Bargain hunter rebuilds his home using online finds

A savvy bargain hunter guts his "ugly" house, then reconstructs it using online finds.

March 10, 2013 at 1:10AM
This is David, not Craig, Henderson, who found many of the materials used in the remodel of his family's home on Craigslist. He and his wife, Karen Anderson, worked on the home together. Odyssy Builders did the framing and roof. Maureen Caruso on Queen Anne designed the remodel. Dave Sorensen was the finish carpenter. (Benjamin Benschneider/Seattle Times/MCT)
David Henderson found many of the materials used in the remodel of his family’s home on Craigslist. He and his wife, Karen Anderson, worked on the home together. (The Minnesota Star Tribune)

SEATTLE — "We call it Craig's house, in fact," said David Henderson, stay-at-home dad, first-time general contractor and, more to the point, ace hunter-gatherer.

That's Craig as in Craigslist, the classified ad website. And Craig is all over Henderson's place, from the fir-ply kitchen cabinets to the old-growth, clear-fir ceiling; from the stainless-and-copper bathroom sink to the live-edge madrona bar. There's also the Wolf kitchen exhaust fan, the fir stairs (once two massive warehouse beams), the cedar bathroom ceiling (from a swimming-pool room) and fir doors (fell off a truck) remade into barn-door sliders.

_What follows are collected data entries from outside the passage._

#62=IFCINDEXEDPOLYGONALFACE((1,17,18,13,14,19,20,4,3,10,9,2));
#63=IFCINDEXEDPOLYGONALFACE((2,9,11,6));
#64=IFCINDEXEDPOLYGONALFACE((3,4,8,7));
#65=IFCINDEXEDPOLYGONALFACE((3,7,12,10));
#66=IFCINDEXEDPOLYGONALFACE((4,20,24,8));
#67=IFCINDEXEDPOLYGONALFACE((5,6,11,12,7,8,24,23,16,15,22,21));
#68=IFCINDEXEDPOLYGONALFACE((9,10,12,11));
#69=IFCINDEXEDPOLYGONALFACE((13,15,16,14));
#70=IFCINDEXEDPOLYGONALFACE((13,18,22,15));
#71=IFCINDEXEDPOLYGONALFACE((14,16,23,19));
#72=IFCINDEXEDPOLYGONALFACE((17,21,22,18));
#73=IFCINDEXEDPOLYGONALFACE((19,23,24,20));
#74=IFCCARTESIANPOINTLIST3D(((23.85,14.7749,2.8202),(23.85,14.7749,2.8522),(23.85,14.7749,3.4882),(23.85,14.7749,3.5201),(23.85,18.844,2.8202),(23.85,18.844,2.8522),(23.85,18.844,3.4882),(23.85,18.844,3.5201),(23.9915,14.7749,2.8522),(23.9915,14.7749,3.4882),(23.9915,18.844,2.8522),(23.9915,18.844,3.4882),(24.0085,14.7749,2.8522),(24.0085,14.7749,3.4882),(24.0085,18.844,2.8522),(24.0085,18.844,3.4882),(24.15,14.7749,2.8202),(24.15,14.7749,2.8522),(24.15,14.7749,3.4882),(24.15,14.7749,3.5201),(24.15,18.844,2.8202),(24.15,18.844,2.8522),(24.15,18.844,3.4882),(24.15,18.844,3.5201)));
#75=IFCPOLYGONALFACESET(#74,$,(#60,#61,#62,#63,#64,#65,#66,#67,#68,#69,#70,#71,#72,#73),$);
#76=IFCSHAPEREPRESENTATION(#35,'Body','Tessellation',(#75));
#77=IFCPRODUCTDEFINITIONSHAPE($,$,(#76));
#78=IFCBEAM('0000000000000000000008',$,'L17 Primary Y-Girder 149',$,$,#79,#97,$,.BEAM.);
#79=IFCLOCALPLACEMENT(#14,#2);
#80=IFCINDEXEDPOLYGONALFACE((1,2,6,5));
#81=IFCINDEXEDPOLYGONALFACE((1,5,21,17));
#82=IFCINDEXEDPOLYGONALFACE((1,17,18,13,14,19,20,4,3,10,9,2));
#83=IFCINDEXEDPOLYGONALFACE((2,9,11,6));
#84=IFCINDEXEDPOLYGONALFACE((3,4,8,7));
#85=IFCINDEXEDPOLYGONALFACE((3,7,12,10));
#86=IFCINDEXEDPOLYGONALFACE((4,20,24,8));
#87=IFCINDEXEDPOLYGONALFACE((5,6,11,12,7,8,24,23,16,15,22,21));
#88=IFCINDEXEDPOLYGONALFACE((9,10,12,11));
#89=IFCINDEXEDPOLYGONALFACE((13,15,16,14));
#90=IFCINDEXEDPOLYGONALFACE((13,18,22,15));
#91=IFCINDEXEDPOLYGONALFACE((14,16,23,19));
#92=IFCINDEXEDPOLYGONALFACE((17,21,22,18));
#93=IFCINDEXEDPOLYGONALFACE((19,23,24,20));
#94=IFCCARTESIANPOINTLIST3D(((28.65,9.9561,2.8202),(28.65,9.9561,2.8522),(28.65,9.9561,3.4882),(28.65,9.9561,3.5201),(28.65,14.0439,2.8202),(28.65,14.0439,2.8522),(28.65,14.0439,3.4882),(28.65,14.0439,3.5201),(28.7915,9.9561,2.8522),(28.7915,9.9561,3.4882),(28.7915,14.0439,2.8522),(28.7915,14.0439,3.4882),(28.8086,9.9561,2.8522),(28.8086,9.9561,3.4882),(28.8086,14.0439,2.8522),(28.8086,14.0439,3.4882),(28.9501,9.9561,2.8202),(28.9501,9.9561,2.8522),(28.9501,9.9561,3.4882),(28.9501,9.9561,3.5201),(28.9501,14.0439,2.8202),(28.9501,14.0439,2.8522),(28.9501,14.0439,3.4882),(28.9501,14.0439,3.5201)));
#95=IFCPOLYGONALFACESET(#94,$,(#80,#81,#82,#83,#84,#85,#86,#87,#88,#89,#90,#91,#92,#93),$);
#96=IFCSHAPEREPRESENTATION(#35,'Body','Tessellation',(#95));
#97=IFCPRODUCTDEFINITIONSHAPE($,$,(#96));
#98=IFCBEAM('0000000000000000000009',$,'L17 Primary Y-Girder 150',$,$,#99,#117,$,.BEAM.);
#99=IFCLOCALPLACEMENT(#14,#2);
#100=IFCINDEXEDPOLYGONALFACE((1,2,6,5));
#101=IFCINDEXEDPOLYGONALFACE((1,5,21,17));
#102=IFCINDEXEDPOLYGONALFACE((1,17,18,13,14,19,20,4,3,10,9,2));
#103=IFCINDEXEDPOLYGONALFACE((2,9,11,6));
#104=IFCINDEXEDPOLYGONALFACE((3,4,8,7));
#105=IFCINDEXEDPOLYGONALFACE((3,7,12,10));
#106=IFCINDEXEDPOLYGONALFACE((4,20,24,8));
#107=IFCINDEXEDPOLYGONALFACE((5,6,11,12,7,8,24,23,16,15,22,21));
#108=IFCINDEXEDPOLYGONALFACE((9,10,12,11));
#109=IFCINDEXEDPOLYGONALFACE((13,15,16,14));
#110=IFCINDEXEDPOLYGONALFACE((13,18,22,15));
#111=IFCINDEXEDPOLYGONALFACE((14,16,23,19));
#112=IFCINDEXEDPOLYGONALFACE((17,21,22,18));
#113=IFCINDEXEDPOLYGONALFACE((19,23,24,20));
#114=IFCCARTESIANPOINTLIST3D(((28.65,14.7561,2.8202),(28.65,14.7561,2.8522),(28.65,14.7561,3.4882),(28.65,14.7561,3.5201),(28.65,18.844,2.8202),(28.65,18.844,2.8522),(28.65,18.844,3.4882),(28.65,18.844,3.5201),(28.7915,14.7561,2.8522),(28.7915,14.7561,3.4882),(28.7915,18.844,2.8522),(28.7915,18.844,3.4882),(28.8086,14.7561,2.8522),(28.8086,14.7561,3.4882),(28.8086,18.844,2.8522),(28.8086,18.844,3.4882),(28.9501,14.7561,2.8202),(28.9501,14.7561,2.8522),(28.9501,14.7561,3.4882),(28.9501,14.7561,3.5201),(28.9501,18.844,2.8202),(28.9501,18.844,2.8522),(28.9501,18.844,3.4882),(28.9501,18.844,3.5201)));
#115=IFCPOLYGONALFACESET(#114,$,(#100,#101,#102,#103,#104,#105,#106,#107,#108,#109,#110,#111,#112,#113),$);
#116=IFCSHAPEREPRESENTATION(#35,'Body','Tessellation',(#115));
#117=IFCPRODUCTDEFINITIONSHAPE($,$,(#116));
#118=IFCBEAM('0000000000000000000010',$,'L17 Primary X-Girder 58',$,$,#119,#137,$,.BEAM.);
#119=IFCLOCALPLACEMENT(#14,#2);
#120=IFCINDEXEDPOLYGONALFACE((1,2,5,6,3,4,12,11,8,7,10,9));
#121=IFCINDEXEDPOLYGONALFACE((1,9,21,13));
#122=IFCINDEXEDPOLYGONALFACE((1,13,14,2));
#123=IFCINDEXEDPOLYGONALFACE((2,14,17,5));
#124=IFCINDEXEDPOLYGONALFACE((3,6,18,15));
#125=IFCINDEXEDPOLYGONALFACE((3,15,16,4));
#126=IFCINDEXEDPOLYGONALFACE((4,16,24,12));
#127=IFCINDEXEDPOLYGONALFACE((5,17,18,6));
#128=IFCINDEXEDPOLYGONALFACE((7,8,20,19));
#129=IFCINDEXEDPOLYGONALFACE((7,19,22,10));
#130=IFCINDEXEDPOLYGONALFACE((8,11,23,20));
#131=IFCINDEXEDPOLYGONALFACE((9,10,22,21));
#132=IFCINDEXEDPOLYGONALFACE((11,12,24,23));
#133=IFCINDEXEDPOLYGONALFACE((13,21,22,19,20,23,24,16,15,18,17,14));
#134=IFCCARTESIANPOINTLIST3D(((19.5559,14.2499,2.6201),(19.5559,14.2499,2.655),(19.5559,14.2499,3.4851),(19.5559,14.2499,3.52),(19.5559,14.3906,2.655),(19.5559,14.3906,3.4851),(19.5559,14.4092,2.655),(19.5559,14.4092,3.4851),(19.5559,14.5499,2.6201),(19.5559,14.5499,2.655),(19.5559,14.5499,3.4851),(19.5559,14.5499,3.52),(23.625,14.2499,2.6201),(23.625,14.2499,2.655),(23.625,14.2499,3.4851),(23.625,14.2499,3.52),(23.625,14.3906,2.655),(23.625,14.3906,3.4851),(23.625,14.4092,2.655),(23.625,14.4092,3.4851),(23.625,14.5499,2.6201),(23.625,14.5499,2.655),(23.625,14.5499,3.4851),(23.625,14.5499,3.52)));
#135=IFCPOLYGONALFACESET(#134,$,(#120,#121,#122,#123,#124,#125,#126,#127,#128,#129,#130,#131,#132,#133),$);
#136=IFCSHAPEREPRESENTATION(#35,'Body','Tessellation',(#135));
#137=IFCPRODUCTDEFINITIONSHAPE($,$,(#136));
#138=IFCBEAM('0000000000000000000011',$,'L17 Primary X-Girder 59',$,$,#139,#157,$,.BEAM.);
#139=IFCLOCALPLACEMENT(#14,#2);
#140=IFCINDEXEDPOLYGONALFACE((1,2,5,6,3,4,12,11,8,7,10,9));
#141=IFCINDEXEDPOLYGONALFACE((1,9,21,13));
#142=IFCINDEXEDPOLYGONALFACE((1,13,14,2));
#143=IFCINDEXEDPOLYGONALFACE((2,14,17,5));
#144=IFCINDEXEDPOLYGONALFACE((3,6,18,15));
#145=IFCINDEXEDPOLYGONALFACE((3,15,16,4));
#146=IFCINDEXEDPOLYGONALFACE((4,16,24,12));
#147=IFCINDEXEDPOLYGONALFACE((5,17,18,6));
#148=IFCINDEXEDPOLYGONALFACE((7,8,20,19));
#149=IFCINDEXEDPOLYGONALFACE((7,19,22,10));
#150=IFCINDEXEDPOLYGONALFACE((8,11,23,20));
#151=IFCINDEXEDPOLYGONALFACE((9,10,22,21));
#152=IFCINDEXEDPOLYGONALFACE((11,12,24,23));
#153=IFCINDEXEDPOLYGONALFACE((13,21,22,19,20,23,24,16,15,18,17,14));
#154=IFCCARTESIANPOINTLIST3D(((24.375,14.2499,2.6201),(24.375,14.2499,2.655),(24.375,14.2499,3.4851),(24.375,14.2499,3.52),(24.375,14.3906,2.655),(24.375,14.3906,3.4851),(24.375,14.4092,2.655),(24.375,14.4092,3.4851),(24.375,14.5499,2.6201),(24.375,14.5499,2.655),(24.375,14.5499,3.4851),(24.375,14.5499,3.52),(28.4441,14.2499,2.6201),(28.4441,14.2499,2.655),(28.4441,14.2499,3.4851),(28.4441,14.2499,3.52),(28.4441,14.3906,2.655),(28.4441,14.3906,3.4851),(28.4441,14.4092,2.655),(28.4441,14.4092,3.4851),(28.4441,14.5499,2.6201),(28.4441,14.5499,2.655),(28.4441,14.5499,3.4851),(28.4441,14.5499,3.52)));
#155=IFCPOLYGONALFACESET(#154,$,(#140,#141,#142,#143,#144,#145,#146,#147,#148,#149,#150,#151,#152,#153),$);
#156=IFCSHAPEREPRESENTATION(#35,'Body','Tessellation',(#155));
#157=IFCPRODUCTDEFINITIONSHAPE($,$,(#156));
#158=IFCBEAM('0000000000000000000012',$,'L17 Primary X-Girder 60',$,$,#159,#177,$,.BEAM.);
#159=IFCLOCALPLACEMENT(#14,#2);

"There are so many things in this house that have a story," Henderson said.

"Karen found the house looking online during a typhoon in Vietnam. We had lots of time on our hands," he said, speaking of his wife and the trip they took with their two 5-year-olds in 2008.

"We lived on the bluff over Shilshole Marina, but the house was old, and we needed more room. But we wanted to find a house that had an equally amazing view. This house had that. But it was just ugly."

Leaping to the end of his adventure, he added, "Everything from your feet up is new" — 14 months from ripping off the roof and gutting what lay beneath to completion. With as much of it as possible culled from Craigslist.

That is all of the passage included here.